TTC Bus Delays

Data Analysis - Dashboard

September 02, 2022 · 5 mins read

Description

Torontonians love to hate the TTC. However, compared to transportation systems in other major north American cities, Toronto has one of the better systems. Where other cities’ transportation systems are oriented towards getting people from the outside the center of the city (suburbs) to inside it (downtown), the TTC also provides service for people travelling between suburbs and neighborhoods. The TTC has only 4 subway lines, but they are complemented by an intricate system of streetcars and buses making it easy to get around. The TTC has 192 bus routes and 8,552 bus stops.

This system is not without flaws, and delays are an inevitable part of the commuter’s experience.

In this project, I dive deep into a dataset on TTC bus delays. The aim is to gain insight into these delays and find possible solutions to minimize them.

Objectives

The goals of this project are:

  • Explores the data collected on the delays on TTC bus routes.
  • Explore the relationship of the delays, time, and location.
  • Gain insights into these delays such as the drivers. These insights may be used to develop a solution or to drive further investigation by collecting more data.

Tools

Microsoft Power BI was used to explore and visualize the dataset.

The Data

This dataset used is the Toronto Bus Delays 2022 dataset from Kaggle. This dataset is also available from the city of Toronto’s open data website. It has 10 features and 27,351 records. It covers the period of January to June 2022.

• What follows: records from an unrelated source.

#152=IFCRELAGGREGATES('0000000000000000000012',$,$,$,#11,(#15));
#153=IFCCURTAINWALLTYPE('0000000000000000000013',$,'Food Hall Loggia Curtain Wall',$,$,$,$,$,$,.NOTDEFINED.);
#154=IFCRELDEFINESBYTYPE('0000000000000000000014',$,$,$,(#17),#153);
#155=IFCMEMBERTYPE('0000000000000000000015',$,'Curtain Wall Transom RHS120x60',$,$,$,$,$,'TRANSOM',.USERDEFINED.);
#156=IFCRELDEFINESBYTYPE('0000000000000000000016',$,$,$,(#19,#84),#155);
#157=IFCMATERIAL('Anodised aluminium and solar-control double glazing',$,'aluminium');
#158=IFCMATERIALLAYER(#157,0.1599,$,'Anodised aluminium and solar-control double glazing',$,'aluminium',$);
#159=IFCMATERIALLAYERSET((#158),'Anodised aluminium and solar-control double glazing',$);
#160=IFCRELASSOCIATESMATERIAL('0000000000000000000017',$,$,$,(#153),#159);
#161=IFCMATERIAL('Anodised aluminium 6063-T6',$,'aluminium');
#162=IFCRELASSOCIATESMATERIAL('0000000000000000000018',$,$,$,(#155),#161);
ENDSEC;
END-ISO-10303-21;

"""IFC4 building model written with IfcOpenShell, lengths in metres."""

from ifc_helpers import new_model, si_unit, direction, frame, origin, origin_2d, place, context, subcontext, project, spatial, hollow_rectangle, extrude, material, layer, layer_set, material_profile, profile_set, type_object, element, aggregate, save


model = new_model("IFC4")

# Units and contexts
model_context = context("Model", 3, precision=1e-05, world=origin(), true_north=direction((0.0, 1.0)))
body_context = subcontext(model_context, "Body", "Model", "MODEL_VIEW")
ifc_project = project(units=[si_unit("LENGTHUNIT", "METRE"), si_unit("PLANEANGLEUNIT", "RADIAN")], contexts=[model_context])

Data Cleaning and Preprocessing

Preprocessing focused on the variable ‘Direction’ which indicates the which direction a particular bus was travelling when it experienced delays. The expected values for these are B (both ways), N (north), S (south), E (east), and W (west). Rows with other variables other than these were removed. A total of 21,765 row remained.

Dashboard & Key Insights

There were 21,765 bus delays during the first half of 2022.

January had the highest amount of delays at 4,322 which sharply decreased in February down to 3,046. The number of delays has gradually increased in the following months. The average number of delays per month is 3,628.

The daily average number of delays throughout this period is around 120 per day.

Pioneer Village station, Kennedy station and Kipling station were where most delays occurred.

The 2 major causes of delays are equipment (Mechanical) and personnel (Operations - Operator). Together, they account for 63.86% of all delays.

Bus route 36 which travels along Finch had the most number of delays at 773. This was followed by route 52 which travels along Lawrence with 650 delays. Route 32 which travels along Eglinton West is in third place with 635 delays.

Most delays occur on Friday, Thursday and Wednesday.

During the day, a greater number of delays occur in the afternoon between 2-5pm.

Implications and Future Direction:

  • Gather complete data on vehicles used and the delays reported to see which vehicles cause more delays than others.
  • Get more details on the delays caused by mechanical incidents so that proper measures can be taken to reduce these delays based on the nature of the mechanical incidents.
  • Get data on operators and check their number of delays. Find measures to reduce personnel related delays.
  • Check the reason for the high number of delays in January (Winter season? Annual maintenance of vehicles? Manpower availability?).
  • Look into why there are more delays in the afternoon.
  • Consider reallocating resources to locations/stations with most delays in order to reduce the instances in these locations.